Nobody who knows her is surprised that she lived that extraordinary length of time. Liddy was a fighter. She never gave up on anything. And she was stubborn. No disease was going curtail to her life - her recorder music, her volunteer work, her concerts.


Some of my fondest memories of Liddy are the week I spent with her and members of her family at the villa in Umbria she rented each summer for several weeks. Until then, I did not realize certain things about Liddy. That, she didn't eat much. I knew her typical lunch was a half a sandwich eaten on the run, but there I realized that went for every meal. That, she had a peculiar and unique sense of smell. Many ordinary foods smelled "bad" to her, especially cheese. She was constantly going in the refrigerator and saying "I'm throwing this out, it smells bad!" There was a small conspiracy to get up and eat the delightful fresh mozzarella we had bought the previous day for breakfast before Liddy would have a chance to find it and throw it out!


She traveled around Italy with Jim, always letting him do the driving, but with little patience for his style of “taking the back roads to see more". Liddy was energetic and a go-getter, and she wanted to get there, as soon as possible, thank you very much! But she loved Italy, the historic places, her favorite local cafes and restaurants, the town square and church in Lugnano, where she told me "oh they have a little nothing organ, it's nothing much at all" - this about a restored small, very beautiful 17th-century Italian organ. (I wasn't able to change her opinion on that, though I tried!)

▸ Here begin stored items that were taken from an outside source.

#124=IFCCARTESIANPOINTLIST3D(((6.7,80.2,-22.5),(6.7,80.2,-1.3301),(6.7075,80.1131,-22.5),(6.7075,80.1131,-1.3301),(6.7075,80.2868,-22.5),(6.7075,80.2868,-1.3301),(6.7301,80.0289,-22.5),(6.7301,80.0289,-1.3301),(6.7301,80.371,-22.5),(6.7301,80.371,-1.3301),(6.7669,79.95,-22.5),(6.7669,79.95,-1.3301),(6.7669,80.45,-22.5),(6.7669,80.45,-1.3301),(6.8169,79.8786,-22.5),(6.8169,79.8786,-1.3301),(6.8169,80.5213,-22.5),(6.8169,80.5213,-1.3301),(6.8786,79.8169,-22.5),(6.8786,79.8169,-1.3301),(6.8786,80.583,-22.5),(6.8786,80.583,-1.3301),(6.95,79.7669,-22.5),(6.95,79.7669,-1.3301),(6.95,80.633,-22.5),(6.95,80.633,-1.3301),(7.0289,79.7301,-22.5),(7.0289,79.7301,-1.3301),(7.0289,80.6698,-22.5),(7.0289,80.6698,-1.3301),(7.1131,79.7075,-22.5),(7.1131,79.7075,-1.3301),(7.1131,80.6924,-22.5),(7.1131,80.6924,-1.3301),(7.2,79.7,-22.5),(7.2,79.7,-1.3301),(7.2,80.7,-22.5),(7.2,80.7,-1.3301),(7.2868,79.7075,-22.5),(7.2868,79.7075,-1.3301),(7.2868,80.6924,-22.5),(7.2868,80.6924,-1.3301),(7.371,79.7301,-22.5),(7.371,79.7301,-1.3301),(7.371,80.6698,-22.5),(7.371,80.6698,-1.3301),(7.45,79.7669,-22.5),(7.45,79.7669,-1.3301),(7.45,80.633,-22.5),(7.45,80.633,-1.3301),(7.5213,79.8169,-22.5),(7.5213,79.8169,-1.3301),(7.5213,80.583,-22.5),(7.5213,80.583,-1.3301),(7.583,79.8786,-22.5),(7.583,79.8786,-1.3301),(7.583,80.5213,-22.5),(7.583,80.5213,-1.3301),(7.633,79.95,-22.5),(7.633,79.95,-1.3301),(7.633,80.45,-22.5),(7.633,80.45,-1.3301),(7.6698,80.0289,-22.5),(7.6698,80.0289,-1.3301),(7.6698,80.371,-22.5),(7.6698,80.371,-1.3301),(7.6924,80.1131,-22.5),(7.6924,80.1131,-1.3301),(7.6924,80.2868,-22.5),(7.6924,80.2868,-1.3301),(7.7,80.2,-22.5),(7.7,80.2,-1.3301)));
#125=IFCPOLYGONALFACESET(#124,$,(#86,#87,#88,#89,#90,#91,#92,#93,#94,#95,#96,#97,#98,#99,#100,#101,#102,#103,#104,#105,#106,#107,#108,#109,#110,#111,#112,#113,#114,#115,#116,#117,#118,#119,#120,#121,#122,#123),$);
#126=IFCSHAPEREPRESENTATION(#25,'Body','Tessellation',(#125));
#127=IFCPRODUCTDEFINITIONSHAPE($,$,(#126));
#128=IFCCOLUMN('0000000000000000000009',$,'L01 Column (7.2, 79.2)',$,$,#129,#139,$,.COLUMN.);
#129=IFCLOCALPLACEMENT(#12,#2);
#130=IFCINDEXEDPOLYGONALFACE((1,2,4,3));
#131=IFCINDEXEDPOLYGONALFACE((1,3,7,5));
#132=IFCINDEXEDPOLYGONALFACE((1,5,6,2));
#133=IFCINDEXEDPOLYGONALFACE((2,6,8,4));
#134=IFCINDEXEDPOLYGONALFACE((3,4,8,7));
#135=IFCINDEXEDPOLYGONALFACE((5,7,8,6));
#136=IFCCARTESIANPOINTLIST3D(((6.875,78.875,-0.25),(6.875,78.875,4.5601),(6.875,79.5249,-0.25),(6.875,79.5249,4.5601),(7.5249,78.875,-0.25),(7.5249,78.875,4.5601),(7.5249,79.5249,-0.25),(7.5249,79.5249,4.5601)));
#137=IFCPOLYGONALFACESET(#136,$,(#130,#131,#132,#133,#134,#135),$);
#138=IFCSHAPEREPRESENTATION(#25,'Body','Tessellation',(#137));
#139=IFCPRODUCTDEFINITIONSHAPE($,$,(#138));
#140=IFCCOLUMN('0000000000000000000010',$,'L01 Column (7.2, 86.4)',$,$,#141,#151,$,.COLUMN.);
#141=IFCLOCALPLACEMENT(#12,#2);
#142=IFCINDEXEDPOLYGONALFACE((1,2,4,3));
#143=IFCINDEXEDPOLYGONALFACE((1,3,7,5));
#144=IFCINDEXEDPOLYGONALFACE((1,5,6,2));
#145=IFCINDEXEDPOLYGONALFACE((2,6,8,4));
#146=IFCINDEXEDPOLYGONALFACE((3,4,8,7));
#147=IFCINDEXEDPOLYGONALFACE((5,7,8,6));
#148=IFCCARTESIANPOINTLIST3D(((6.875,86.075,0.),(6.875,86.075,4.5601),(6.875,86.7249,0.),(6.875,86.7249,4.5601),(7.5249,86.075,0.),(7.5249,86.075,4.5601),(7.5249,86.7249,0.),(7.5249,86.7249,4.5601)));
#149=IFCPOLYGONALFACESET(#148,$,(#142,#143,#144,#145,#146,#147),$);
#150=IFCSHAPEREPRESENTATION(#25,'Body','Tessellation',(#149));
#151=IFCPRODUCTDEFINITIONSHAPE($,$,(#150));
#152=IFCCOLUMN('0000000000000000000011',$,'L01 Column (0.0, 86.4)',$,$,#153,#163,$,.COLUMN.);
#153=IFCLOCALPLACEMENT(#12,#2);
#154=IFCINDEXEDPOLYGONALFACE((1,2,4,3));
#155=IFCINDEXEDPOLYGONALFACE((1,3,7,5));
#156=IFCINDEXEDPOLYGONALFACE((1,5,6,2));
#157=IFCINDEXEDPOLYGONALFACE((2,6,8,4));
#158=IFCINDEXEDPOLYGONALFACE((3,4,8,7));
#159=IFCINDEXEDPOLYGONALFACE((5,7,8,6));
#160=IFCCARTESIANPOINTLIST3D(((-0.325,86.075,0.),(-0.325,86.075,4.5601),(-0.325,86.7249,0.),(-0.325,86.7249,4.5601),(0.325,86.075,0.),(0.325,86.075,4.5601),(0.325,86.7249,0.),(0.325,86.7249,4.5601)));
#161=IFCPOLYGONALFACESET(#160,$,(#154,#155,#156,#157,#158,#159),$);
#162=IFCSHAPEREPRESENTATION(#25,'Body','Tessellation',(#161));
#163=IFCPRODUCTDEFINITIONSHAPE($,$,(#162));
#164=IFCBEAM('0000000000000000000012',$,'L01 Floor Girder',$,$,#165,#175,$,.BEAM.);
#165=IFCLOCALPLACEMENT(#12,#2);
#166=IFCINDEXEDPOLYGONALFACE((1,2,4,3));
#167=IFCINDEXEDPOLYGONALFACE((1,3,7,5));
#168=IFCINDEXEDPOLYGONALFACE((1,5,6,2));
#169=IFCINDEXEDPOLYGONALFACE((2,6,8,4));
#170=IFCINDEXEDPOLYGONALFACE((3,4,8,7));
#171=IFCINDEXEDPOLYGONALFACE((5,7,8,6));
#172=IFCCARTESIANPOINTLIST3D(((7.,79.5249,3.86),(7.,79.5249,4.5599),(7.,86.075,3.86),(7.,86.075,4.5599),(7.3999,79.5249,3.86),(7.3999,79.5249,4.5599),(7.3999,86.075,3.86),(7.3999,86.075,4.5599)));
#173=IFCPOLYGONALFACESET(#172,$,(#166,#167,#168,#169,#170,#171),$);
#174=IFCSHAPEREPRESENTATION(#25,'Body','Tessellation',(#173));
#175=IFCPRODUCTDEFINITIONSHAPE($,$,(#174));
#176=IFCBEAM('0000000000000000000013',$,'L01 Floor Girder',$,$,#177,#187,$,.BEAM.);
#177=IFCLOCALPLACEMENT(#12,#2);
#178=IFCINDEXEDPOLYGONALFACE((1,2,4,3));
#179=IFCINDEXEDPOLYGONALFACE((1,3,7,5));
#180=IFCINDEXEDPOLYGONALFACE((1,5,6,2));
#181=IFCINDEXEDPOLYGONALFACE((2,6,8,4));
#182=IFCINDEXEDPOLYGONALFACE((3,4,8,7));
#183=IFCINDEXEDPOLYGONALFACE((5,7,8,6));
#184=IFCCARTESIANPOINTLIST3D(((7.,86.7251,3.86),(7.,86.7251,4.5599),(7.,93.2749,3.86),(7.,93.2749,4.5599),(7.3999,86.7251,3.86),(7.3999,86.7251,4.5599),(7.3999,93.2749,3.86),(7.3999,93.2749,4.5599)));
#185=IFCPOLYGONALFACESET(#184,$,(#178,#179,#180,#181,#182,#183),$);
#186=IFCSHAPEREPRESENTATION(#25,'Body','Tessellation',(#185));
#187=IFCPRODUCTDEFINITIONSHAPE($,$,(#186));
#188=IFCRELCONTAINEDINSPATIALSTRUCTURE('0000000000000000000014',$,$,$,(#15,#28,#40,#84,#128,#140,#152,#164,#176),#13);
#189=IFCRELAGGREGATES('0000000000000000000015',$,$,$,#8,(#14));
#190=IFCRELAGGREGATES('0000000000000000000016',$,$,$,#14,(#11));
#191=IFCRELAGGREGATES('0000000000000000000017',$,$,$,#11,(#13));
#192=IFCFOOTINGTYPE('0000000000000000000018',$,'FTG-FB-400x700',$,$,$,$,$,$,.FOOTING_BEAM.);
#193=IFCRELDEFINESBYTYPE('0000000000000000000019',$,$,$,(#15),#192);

No, no one ever changed Liddy's mind on anything. She knew what she liked, and she knew she liked music and early music, and she put her whole self into supporting that. "Anything you need, Gwen" she would say to me. She had some sort of game with her accountant where she would tell me "He says I'm not allowed to give you any more, but I'm giving you this anyways!" I think she truly enjoyed as much the idea that he couldn't tell her what to do, not really.


After her illness, Liddy was never as strong, but she kept up with her activities and concerts, gradually declining over the years. Still, for the past year before she died, she visited here at Immanuel Lutheran Church every Sunday, walking all the way up to the choir loft to say applaud us and say hello at the end of each service, and attending Midtown Concerts here every Wednesday afternoon. I'm so grateful that I had the good fortune to find a position at this church, right down the block from her apartment, and to be able to move Midtown Concerts here, so that she had this pleasure right up until nearly the very end.


The concerts will continue, thanks in large part to the memorial fund the family has created for ARTEK, and I'm sure Liddy’s spirit will be with us, listening as she always did, applauding and saying, "play more!" and smiling at us with her sunny, lovely smile.